The project that alerted the world to the potential of liquid activated carbon for the remediation of PFAS contamination began in 2016 in Canada, with the results appearing this year in the paper, In situ treatment of PFAS-impacted groundwater using colloidal activated carbon, published by Remediation Journal. It was the first in-situ project carried out by Regenesis with PFAS, and it is believed to be the first commercial in-situ PFAS remediation project ever carried out in the world. The field study was carried out by hydrogeologist Rick McGregor of In Situ Remediation Services. The location in central Canada was a site where fire-training exercises using PFAS-containing foam had been conducted during the 1970s and 1980s, resulting in PFAS contamination in the shallow groundwater.

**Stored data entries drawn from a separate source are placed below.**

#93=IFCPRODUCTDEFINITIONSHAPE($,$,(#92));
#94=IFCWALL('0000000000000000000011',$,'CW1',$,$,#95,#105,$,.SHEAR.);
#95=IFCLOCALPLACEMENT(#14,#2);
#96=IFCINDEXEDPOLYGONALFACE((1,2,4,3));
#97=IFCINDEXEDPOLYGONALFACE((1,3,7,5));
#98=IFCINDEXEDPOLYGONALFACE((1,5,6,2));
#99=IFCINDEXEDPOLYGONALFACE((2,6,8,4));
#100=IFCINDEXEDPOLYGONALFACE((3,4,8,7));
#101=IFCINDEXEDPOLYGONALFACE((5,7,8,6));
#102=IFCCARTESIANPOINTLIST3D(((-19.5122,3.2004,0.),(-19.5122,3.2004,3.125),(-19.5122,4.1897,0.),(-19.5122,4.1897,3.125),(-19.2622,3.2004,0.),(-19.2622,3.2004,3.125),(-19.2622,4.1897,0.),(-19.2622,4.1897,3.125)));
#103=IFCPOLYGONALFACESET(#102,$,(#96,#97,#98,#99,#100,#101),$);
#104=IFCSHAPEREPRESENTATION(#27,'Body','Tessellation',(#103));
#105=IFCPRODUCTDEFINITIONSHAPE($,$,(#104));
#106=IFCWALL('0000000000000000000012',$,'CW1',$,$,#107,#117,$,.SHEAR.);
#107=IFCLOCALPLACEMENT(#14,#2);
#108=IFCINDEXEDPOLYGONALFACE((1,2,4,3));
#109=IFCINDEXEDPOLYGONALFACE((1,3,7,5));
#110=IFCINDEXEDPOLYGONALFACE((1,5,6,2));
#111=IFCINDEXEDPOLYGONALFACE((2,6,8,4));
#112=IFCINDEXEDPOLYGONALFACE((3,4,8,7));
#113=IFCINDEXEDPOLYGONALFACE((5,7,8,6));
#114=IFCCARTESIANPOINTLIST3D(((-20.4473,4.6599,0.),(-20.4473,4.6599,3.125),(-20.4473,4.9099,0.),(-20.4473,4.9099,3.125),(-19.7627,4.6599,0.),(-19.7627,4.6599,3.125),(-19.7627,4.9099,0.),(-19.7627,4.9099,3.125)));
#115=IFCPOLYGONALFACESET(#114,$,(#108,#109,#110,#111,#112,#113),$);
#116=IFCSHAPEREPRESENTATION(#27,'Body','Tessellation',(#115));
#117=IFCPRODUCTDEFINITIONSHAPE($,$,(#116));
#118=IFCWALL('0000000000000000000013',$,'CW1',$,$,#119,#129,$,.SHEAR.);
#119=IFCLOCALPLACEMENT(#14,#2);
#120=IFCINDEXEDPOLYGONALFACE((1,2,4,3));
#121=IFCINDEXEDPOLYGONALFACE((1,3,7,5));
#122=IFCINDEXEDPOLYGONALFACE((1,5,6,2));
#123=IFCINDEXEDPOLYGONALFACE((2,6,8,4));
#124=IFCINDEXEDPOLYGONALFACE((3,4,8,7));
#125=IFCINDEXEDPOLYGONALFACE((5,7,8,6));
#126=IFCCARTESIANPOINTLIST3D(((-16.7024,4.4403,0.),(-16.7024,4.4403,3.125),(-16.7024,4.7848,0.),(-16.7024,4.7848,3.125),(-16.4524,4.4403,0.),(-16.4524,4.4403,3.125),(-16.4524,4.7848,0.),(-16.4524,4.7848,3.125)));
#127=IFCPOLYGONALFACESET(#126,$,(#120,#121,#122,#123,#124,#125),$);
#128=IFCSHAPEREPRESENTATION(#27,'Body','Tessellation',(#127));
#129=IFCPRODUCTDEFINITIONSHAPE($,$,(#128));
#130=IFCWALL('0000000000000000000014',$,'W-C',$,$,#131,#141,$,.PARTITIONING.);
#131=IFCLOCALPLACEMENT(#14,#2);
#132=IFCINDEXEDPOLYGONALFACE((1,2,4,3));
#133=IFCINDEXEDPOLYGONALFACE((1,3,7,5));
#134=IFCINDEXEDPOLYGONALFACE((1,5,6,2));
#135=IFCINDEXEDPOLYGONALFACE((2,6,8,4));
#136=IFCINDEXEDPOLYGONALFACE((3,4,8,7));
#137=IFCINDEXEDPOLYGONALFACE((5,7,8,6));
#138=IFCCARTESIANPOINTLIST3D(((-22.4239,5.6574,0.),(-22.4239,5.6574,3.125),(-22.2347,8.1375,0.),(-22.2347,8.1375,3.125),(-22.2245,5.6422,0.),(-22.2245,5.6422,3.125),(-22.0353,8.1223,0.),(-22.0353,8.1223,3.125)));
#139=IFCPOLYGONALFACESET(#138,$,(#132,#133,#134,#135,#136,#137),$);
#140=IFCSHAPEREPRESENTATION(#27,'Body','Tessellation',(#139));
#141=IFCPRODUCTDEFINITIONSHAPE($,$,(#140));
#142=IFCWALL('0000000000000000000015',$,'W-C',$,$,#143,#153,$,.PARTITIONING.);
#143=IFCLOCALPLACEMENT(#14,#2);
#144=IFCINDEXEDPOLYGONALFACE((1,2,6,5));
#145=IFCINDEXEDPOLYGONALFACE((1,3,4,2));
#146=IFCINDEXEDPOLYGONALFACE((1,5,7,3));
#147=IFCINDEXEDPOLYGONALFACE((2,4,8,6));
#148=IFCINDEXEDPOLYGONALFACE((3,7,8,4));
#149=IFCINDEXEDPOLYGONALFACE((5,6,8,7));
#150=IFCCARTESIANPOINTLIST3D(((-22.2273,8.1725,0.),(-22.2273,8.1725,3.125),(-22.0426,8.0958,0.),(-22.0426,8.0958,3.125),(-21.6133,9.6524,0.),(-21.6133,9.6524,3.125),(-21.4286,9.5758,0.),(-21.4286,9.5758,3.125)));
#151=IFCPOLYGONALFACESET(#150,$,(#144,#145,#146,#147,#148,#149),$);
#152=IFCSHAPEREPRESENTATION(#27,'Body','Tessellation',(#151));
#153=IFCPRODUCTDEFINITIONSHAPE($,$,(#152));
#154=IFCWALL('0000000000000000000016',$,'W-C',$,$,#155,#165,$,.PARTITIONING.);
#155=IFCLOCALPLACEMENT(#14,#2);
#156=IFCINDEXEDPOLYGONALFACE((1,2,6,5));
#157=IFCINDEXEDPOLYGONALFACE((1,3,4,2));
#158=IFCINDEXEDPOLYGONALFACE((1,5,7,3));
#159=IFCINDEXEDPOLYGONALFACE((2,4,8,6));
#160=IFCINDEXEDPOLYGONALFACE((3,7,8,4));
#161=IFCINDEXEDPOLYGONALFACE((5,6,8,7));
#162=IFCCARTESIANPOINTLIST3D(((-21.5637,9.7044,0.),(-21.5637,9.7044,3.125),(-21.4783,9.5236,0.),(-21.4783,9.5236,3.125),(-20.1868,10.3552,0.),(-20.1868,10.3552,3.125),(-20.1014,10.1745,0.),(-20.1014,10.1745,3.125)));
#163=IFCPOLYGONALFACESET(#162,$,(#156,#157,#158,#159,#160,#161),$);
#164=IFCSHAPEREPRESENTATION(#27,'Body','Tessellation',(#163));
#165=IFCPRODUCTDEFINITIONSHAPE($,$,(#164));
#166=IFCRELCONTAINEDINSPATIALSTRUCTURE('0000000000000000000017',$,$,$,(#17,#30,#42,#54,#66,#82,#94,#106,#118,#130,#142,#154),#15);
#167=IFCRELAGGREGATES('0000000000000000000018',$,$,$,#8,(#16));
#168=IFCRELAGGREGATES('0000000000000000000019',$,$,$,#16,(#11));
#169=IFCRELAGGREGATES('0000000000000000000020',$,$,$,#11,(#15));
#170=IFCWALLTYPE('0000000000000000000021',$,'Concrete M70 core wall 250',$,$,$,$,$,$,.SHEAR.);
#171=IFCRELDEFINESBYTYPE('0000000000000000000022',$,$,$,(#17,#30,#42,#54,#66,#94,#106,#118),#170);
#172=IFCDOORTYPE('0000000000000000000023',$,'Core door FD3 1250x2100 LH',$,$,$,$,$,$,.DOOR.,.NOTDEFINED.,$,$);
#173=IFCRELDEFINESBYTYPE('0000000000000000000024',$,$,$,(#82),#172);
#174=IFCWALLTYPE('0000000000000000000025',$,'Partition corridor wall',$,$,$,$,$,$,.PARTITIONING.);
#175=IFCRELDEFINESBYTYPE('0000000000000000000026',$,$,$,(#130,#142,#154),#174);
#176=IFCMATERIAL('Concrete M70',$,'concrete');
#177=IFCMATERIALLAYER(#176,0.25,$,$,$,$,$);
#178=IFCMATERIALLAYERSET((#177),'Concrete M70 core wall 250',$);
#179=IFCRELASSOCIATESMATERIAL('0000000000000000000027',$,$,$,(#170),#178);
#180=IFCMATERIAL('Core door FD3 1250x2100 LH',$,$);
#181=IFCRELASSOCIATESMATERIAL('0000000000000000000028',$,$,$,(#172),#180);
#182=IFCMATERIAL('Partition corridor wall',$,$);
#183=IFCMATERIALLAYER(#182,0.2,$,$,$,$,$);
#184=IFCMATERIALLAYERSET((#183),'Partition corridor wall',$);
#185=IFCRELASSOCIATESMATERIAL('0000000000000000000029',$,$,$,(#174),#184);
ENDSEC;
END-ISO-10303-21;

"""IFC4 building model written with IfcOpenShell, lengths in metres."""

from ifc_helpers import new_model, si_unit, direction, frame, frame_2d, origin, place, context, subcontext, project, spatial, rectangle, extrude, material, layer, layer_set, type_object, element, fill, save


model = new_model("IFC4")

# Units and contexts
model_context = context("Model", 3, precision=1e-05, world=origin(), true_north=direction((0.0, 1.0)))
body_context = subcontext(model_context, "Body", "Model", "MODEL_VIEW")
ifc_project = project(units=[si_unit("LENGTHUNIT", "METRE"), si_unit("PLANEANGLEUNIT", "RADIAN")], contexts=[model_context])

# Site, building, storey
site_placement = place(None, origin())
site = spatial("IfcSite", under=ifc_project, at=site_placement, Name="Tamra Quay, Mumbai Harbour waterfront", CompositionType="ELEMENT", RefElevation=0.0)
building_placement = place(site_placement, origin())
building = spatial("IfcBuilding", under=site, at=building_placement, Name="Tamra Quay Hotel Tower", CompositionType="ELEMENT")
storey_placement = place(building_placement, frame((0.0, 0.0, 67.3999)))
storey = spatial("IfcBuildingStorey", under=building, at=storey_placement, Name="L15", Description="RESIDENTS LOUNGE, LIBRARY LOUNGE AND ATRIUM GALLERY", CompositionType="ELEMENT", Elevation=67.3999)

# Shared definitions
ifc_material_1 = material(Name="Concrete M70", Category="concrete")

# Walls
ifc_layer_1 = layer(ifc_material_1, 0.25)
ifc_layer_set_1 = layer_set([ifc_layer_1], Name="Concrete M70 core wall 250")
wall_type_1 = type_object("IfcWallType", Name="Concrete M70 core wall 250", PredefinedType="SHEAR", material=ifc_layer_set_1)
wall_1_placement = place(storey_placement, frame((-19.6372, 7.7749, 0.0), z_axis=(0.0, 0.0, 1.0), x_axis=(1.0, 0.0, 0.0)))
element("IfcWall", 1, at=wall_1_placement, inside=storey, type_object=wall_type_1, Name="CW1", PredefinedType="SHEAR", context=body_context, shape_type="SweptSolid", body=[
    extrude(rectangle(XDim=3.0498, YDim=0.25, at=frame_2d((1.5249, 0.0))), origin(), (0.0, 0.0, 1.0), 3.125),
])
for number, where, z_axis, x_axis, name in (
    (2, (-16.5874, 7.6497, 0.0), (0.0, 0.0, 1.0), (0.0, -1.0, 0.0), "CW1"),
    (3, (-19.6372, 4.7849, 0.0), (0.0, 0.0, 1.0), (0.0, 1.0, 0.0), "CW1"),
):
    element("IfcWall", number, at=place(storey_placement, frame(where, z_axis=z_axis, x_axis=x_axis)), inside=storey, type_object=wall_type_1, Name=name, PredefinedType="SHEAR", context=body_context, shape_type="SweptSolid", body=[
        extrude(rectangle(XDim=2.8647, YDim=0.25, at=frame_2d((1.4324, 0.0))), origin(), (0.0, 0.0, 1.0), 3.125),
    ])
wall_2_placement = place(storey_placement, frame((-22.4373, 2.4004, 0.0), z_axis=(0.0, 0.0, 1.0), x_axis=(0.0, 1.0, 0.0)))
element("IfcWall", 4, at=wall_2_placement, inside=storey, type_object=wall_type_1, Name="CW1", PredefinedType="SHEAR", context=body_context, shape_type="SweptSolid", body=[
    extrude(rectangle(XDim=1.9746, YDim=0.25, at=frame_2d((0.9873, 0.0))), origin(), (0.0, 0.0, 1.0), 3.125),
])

Here, the PFOS and PFOA plumes were estimated to cover an area of 780m 2 and 700m 2 respectively, both extending from the surface of the water table, 0.9m below ground surface, to approximately 1.7m below ground surface. Prior to the treatment, wells in which PFOS had been detected had concentrations ranging from 280ng/l to 1,450ng/l, and wells in which PFOA had been detected had concentrations from 490ng/l to 3,260ng/l. A total of 290kg of Plume Stop liquid activated carbon and 176kg of oxygen-releasing material were mixed with 3,120 litres of water and injected into 20 temporary locations. The oxygen-releasing material was used to address the dissolved petroleum hydrocarbon compounds also present within the groundwater. Samples for PFOA, PFOS and 12 other PFAS-related compounds were analysed using liquid chromatography-mass spectrometry during the 18-month sampling event. Eighteen months after the injection, groundwater concentrations of PFOA and PFOS from samples collected from six monitoring wells were all below the method detection limits (MDLs) of 20 and 30ng/l for PFOA and PFOS, with the exception of one site with PFOS detected at 40ng/l in the groundwater. Groundwater samples for 12 other PFAS were also collected, representing a mixture of shorter carbon chain and longer carbonchain PFAS. Although the shorter carbon-chain PFASs were expected

to break through before the longer chain PFAS, all the PFAS were found to be below their respective MDLs, with the exception of perfluoroundecanoic acid, which was detected at 20ng/l. Encouraged by these results, Regenesis is currently involved with universities in Scandinavia, Italy and USA, and is working on potential projects in Australasia, USA and Europe. “Of course, I would like these sites to go ahead more quickly, however, you have to consider the scale of these issues,” says Leonard. The treatment process is not straightforward because each site is different, with different flux zones, contamination levels and ground conditions, all of which require a site-specific design, application method and product dosage. “We cannot take a design from the site in Canada and apply it to a different site in, say, Germany,” comments Leonard. Nevertheless, interest in the technology is high, as concerns are spreading around the world regarding PFAS. “It was probably only six years ago that this issue started showing its head," says Leonard. "Australia very much led the field and Scandinavia has woken up to it. It looks like the US will be taking this seriously, and once they begin enforcing regulation they will do a good job in ensuring sites are remediated.” Because of the attention, the company is expanding its traditional market of remediation in industrial sites and petrol refilling stations to airports, factories, fire-fighting training centres and chemical facilities. “The American EPA has suggested that six million people may be exposed to PFAS in their drinking water in the USA alone, so world-wide the scale is extraordinary.” For organisations that have used fire-fighting foam, the advantage of Plume Stop is its potential ability to eliminate possible subsequent liability, as Leonard explains. “If an airport has been using AFFF, the potential liability does not lie in human health on site because it doesn’t form vapours. It lies in the fact that PFAS is highly soluble in water and travels a long way through the groundwater. Therefore it will move outside the site boundary into the environment, creating an offsite liability for the polluter. You need to deal with the contamination going off site. You need to close that gate.”